Monday, August 22, 2022

Can America’s Problems Be Fixed With More Dancing?


Pundits and commentators are always looking for signs of America’s decline. They will often point to increases in crime and poverty or decrease in literacy or political engagement. There’s one changing aspect of society I believe has been missed by the major critics. I believe an acute sign of moral decay and spiritual decline in America is the general inability of American men to dance.

The idea of social dancing seems irrelevant now, which is kind of the point. There was a time in U.S. history when a man was expected to know how to dance. You weren’t really “social” (i.e. a member of society) until you learned a few steps that you could execute with some kind of skill in group gatherings. This idea goes all the way back to the Middle Ages, where having knowledge of current dances and the ability to do them was required of a young nobleman who wanted to become a knight.

From the earliest days of America’s founding, if you wanted to make a good impression, you had to know how to dance. Nothing overly complicated, just the current fads of the time (The Lindy Hop, The Charleston, The Twist, The Electric Slide), or at least the basic moves involved in leading a partner across the floor in a couples dance.

For decades in America, some of the most famous male celebrities were dancers, from Fred Estaire to James Brown, Bojangles to Baryshnikov, Chubby Checker to Michael Jackson. Dancing wasn’t stupid, ironic, embarrassing, or a sign of weakness.
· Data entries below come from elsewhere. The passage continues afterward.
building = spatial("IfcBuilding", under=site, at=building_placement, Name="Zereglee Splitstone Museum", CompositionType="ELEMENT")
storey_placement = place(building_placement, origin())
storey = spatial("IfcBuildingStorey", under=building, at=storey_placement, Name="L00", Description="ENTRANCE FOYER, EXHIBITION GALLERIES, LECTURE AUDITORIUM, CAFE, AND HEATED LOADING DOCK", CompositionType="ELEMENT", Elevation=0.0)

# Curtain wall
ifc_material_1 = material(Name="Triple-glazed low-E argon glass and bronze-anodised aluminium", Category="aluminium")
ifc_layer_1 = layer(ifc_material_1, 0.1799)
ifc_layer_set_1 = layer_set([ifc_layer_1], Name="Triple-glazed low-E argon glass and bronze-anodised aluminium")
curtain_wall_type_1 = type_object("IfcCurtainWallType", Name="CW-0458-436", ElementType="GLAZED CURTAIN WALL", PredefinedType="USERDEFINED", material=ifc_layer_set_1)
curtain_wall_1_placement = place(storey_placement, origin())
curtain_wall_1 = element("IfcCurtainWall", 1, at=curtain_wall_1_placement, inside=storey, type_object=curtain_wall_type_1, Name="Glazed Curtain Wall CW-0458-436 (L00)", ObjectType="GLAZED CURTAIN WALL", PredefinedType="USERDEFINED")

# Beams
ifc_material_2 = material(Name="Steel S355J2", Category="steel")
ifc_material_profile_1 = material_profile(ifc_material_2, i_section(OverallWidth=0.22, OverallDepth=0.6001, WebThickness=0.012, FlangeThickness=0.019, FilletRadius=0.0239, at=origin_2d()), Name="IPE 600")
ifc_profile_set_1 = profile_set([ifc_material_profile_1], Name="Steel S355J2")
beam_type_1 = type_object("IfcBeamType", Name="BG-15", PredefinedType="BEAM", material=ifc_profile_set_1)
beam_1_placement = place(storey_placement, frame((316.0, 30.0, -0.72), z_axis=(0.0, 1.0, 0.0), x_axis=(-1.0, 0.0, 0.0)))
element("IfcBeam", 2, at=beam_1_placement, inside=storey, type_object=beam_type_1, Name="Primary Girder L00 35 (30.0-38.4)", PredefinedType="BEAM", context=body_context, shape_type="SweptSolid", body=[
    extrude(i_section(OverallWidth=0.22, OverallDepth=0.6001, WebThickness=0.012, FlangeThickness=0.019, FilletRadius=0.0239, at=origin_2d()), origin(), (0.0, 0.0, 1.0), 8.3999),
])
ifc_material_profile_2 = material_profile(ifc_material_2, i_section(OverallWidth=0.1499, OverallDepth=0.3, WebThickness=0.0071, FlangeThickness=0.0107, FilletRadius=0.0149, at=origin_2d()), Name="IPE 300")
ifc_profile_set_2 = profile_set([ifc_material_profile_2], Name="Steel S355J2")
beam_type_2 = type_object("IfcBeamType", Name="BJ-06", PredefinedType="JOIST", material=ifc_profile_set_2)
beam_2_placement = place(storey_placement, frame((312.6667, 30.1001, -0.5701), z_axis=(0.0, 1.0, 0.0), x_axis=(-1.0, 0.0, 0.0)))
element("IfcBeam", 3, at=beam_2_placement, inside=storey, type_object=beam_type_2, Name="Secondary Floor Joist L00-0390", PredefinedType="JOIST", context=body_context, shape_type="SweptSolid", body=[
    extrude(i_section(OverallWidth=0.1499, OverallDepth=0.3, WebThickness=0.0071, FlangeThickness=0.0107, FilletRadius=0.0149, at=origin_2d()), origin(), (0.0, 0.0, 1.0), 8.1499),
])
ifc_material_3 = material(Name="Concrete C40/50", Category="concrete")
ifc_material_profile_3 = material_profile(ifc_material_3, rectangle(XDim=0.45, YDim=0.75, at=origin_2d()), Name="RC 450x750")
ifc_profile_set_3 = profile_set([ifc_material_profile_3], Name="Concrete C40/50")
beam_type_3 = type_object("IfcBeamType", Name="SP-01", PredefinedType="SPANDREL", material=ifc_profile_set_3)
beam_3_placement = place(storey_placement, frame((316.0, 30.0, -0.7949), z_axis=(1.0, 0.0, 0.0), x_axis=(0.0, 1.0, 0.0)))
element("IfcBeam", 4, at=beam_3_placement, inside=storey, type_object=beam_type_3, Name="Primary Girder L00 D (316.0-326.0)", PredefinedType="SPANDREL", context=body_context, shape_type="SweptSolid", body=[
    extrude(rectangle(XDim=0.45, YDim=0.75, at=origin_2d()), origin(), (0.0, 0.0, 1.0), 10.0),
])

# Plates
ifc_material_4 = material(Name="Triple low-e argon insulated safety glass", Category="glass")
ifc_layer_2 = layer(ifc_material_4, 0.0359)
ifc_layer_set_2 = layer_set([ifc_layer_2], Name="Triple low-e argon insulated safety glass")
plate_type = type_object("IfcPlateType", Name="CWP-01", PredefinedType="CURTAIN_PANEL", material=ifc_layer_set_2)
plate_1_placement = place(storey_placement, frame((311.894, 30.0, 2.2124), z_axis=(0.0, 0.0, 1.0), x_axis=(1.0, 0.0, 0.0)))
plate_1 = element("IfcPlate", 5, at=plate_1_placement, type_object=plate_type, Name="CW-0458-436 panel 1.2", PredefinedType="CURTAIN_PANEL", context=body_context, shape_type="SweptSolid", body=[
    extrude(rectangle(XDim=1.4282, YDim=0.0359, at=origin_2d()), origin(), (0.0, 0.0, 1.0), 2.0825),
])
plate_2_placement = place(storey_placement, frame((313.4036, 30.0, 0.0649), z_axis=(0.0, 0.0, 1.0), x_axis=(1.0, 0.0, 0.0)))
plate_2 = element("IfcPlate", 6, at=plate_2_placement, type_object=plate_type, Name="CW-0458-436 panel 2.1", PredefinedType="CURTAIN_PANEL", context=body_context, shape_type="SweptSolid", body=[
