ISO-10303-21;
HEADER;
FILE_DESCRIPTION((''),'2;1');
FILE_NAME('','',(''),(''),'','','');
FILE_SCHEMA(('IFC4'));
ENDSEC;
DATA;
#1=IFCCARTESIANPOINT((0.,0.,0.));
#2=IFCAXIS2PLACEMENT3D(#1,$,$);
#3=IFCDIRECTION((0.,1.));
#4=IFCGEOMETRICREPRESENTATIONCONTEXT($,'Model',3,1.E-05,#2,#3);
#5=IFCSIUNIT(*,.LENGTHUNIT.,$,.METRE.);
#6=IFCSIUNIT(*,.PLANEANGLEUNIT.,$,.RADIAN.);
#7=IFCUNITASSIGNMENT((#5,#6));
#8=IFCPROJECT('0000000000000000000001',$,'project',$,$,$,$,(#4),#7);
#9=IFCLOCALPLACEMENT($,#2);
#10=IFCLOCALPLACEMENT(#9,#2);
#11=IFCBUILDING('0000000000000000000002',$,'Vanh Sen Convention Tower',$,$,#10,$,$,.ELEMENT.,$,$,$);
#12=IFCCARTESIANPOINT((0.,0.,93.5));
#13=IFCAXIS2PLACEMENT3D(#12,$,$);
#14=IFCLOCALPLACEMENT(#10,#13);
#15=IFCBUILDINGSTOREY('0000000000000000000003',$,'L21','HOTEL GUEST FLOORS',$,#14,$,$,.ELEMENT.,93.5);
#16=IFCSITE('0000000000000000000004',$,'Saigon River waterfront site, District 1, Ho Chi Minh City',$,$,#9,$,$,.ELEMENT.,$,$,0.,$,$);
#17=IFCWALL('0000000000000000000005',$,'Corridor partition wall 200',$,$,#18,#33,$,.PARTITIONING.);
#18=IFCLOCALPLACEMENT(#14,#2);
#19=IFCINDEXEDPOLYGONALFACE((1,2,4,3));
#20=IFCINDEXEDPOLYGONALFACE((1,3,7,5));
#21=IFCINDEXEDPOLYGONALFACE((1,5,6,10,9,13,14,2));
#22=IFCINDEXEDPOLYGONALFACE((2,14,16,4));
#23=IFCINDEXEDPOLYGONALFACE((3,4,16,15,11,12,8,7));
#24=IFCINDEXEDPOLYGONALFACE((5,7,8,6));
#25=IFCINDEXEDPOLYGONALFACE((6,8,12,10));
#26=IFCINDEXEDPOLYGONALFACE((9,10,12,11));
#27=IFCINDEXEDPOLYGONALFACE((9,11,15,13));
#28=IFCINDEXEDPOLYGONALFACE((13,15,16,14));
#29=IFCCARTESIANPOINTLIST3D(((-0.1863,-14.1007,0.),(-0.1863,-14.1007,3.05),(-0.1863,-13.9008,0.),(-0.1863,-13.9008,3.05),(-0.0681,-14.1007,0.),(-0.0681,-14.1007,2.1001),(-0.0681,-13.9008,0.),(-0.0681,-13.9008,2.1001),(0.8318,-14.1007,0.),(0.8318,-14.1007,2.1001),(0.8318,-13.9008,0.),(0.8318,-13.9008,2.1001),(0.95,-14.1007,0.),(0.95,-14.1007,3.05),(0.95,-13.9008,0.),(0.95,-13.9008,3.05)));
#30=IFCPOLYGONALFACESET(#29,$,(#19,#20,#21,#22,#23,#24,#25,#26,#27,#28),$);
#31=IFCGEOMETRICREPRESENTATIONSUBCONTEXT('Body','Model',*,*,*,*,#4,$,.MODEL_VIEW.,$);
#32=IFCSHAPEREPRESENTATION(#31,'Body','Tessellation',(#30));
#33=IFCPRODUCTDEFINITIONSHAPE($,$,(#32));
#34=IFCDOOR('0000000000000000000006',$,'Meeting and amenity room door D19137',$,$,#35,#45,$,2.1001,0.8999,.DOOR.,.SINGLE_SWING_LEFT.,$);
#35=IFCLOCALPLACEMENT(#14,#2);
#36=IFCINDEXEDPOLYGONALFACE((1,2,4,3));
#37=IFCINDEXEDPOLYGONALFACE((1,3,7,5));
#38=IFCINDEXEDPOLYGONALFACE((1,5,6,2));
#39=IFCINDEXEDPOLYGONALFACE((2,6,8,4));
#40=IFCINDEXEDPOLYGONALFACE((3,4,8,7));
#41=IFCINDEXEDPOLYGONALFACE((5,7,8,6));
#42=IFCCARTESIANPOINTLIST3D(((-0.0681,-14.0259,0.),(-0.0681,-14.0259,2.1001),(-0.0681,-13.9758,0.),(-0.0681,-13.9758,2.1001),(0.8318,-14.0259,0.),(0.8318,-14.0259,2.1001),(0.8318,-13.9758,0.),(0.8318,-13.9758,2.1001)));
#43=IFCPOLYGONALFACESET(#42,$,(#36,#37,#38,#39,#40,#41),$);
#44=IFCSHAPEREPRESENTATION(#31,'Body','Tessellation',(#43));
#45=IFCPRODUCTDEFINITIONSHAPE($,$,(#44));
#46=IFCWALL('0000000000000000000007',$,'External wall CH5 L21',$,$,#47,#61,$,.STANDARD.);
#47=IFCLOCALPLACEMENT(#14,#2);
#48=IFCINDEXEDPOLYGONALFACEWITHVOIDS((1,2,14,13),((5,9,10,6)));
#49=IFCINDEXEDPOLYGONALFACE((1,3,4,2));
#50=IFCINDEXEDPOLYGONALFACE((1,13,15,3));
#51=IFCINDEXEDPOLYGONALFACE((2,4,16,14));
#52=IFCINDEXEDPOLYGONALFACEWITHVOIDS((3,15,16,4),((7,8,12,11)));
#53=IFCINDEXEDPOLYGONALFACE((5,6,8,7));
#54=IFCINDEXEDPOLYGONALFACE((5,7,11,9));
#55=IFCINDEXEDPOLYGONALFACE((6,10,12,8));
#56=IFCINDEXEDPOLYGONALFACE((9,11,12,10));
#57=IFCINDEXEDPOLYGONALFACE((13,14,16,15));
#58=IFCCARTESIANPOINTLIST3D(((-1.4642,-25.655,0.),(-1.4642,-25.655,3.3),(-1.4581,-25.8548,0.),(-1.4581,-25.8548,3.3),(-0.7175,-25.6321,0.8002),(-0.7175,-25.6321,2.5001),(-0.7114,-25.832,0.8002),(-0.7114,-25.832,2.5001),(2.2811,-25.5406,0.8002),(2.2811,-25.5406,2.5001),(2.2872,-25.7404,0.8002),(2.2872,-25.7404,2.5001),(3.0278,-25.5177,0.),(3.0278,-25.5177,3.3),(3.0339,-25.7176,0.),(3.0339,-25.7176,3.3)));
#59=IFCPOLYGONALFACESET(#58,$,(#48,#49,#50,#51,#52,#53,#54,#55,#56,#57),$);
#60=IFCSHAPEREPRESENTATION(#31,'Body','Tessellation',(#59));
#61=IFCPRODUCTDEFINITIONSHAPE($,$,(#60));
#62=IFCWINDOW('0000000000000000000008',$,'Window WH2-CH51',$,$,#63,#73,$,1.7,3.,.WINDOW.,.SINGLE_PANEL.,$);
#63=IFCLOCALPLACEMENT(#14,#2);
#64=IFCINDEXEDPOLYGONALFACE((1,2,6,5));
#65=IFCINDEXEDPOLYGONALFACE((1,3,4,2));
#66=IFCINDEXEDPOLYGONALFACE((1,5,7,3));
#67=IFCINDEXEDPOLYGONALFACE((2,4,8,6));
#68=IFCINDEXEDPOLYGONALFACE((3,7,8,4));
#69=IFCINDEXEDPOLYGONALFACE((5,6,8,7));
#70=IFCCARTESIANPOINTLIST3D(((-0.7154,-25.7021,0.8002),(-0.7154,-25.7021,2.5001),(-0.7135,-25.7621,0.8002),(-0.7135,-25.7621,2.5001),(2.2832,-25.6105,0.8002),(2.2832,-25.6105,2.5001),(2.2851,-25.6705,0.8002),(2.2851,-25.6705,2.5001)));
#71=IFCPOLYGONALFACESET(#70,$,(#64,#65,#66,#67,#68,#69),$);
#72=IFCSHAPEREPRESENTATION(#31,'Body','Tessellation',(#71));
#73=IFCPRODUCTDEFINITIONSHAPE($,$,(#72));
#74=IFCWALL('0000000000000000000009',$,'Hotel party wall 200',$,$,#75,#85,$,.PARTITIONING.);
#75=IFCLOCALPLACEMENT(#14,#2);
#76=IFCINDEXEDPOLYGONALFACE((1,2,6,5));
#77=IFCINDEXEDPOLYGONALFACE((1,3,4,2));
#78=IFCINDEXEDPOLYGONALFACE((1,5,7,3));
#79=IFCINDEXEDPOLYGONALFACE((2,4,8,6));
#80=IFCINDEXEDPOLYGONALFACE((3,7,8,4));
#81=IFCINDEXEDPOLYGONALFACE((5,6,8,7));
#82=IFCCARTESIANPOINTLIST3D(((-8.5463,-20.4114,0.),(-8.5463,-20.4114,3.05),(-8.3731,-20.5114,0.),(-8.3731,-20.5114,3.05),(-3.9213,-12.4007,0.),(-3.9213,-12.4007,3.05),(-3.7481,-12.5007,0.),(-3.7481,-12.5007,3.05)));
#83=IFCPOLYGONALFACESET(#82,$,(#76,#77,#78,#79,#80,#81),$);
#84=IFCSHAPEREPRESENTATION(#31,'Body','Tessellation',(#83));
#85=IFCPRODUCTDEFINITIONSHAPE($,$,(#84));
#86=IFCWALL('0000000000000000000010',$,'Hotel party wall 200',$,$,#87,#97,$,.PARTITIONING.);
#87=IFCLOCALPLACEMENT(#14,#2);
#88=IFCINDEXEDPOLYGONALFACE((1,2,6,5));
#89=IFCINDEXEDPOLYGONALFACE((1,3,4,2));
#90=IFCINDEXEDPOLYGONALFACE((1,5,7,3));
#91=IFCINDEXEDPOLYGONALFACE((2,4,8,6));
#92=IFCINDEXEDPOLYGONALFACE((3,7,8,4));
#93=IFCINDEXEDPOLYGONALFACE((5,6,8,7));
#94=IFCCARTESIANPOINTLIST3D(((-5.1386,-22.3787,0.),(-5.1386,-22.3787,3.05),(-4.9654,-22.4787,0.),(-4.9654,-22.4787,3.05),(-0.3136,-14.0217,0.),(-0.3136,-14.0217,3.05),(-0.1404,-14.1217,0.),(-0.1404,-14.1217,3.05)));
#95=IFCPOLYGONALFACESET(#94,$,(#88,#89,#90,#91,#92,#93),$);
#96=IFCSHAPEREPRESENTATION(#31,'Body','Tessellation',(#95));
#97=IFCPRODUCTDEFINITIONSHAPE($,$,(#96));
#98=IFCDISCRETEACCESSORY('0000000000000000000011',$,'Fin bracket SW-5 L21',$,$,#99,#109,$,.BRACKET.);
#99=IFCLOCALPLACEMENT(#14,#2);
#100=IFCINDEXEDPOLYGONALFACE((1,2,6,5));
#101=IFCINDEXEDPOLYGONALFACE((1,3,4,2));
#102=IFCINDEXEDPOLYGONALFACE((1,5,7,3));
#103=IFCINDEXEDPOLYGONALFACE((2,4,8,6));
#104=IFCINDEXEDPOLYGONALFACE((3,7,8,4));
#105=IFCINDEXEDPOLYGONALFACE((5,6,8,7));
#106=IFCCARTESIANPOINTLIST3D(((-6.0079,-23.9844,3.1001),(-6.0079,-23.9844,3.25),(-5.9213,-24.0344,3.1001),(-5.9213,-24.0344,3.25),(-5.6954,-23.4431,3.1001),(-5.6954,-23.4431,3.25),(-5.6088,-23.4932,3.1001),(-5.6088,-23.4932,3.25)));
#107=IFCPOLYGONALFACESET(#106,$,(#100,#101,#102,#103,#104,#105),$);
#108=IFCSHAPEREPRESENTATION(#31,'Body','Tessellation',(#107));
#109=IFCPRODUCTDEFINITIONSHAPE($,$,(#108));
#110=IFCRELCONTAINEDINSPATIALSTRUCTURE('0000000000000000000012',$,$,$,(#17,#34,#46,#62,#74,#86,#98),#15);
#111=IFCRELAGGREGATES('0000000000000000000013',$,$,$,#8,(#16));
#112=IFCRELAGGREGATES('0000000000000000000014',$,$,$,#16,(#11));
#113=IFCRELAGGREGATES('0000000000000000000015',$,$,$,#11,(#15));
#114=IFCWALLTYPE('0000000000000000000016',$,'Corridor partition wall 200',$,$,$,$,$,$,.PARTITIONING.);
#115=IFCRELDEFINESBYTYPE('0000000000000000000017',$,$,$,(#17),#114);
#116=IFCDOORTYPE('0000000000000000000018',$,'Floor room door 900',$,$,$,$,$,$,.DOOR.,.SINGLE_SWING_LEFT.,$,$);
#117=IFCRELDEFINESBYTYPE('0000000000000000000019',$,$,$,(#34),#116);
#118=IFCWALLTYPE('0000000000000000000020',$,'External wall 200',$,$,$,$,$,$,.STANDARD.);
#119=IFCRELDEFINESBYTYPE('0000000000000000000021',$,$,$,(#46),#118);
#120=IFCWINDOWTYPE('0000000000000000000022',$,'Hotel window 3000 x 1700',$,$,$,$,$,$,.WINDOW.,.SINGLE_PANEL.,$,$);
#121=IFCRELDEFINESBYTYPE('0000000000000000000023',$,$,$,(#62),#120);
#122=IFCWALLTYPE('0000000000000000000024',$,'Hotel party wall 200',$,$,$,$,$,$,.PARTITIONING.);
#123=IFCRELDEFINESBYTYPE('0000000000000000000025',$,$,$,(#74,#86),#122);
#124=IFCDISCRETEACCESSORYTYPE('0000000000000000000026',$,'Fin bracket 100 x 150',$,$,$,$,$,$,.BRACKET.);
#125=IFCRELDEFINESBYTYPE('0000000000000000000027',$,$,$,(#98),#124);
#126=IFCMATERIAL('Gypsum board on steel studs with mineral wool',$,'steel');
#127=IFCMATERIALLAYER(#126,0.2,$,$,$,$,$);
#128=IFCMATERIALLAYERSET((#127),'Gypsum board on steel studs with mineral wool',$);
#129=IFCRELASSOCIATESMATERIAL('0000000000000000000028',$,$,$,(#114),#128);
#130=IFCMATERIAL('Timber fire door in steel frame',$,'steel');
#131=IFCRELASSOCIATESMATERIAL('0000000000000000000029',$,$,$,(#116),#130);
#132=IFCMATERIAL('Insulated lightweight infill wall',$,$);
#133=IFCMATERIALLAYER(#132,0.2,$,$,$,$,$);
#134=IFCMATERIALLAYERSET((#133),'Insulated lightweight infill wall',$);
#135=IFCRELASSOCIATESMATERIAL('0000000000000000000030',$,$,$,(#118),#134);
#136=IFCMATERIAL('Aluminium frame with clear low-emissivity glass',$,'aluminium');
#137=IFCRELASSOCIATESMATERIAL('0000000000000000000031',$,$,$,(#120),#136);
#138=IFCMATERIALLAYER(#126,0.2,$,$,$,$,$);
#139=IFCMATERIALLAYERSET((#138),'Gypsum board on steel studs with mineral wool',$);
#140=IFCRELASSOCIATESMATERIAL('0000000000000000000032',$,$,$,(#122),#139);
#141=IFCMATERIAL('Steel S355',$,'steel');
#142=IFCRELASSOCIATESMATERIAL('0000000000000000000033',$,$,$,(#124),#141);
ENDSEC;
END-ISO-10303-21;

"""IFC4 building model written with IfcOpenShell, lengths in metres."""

from ifc_helpers import new_model, si_unit, direction, frame, frame_2d, origin, origin_2d, place, context, subcontext, project, spatial, rectangle, extrude, material, layer, layer_set, type_object, element, fill, save


model = new_model("IFC4")

# Units and contexts
model_context = context("Model", 3, precision=1e-05, world=origin(), true_north=direction((0.0, 1.0)))
body_context = subcontext(model_context, "Body", "Model", "MODEL_VIEW")
ifc_project = project(units=[si_unit("LENGTHUNIT", "METRE"), si_unit("PLANEANGLEUNIT", "RADIAN")], contexts=[model_context])

# Site, building, storey
site_placement = place(None, origin())
site = spatial("IfcSite", under=ifc_project, at=site_placement, Name="Saigon River waterfront site, District 1, Ho Chi Minh City", CompositionType="ELEMENT", RefElevation=0.0)
building_placement = place(site_placement, origin())
building = spatial("IfcBuilding", under=site, at=building_placement, Name="Vanh Sen Convention Tower", CompositionType="ELEMENT")
storey_placement = place(building_placement, frame((0.0, 0.0, 93.5)))
storey = spatial("IfcBuildingStorey", under=building, at=storey_placement, Name="L21", Description="HOTEL GUEST FLOORS", CompositionType="ELEMENT", Elevation=93.5)

# Shared definitions
ifc_material_1 = material(Name="Gypsum board on steel studs with mineral wool", Category="steel")
ifc_layer_1 = layer(ifc_material_1, 0.2)
ifc_layer_set_1 = layer_set([ifc_layer_1], Name="Gypsum board on steel studs with mineral wool")
wall_type_1 = type_object("IfcWallType", Name="Corridor partition wall 200", PredefinedType="PARTITIONING", material=ifc_layer_set_1)

# Wall, opening, door
wall_1_placement = place(storey_placement, frame((-0.1863, -14.0007, 0.0), z_axis=(0.0, 0.0, 1.0), x_axis=(1.0, 0.0, 0.0)))
wall_1 = element("IfcWall", 1, at=wall_1_placement, inside=storey, type_object=wall_type_1, Name="Corridor partition wall 200", PredefinedType="PARTITIONING", context=body_context, shape_type="SweptSolid", body=[
    extrude(rectangle(XDim=1.1362, YDim=0.2, at=frame_2d((0.5681, 0.0))), origin(), (0.0, 0.0, 1.0), 3.05),
])
opening_1_placement = place(wall_1_placement, frame((0.1182, 0.0, 0.0)))
opening_1 = element("IfcOpeningElement", 2, at=opening_1_placement, cuts=wall_1, PredefinedType="OPENING", context=body_context, shape_type="SweptSolid", body=[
But something happened in American society between the height of Disco in the 1970s and now.

Today, at least in the public sphere and its current bourgeois world of mass-market entertainment. Dancing is effectively verboten. I’m not talking about the few seconds of uncoordinated spasms that someone does when they hear their favorite song on the radio. An occasional Super Bowl halftime show by Bruno Mars notwithstanding, the act of dancing because something moves you, or you like to do it, is effectively non-existent.

In the private sphere, at least in my experience over the past years, it’s only something you do when you’re really drunk, like a wedding reception. Women still have a more leeway when it comes to this activity, but the nature of dancing has changed for them too, i.e. it’s more a precursor to sex than anything else.

Several movements over time can be blamed for helping contribute to the decline of social dancing. As the years have gone by, popular music has changed, such as in the ‘50s when Be-Bop replaced Swing music as the primary Jazz genre. There was the ‘70s backlash against Disco that took the dance club, once one of the most popular places for socializing and fun, and drove it underground and into the narrower worlds of House Music and EDM. The Punk, Hard Rock, and Hardcore scenes of the ‘70s-’90s favored movements made up of violent spasms and simulated fighting (e.g. the mosh pit) instead of coordinated steps and routines. There’s also the rise of Hip-Hop that emphasized posturing and menacing glares over the smooth moves of R&B and early Rap music.

And starting in the 1980s, an era of puritanical right-wing masculine swagger (framed by the presidencies of Ronald Reagan and George W. Bush) downplayed both knowledge of music and the ability to move to it. The combination of religious modesty, gay panic (dancing in clubs something only the “queers” do), and a uniquely American form of critical self-consciousness conspired to make the creative and personal act of dancing something one doesn’t do in public, unless one is getting paid to do it.

Today we live in a society full of heart disease, isolation, anger, and spiritual malaise. Imagine if some activity could peacefully channel some of that blocked-up energy into productive use. Dancing burns calories, improves agility and coordination, and connects the body to the soul. It would be nice if we as a country could move back to an era and attitude that allowed for more forms of social dancing, where citizens could blow off steam, get healthier, and meet with their neighbors. There are small pockets of places where one can go to learn the Cha-Cha, tip your hat in country line dance, etc. What’s needed though, is a movement. A movement to move.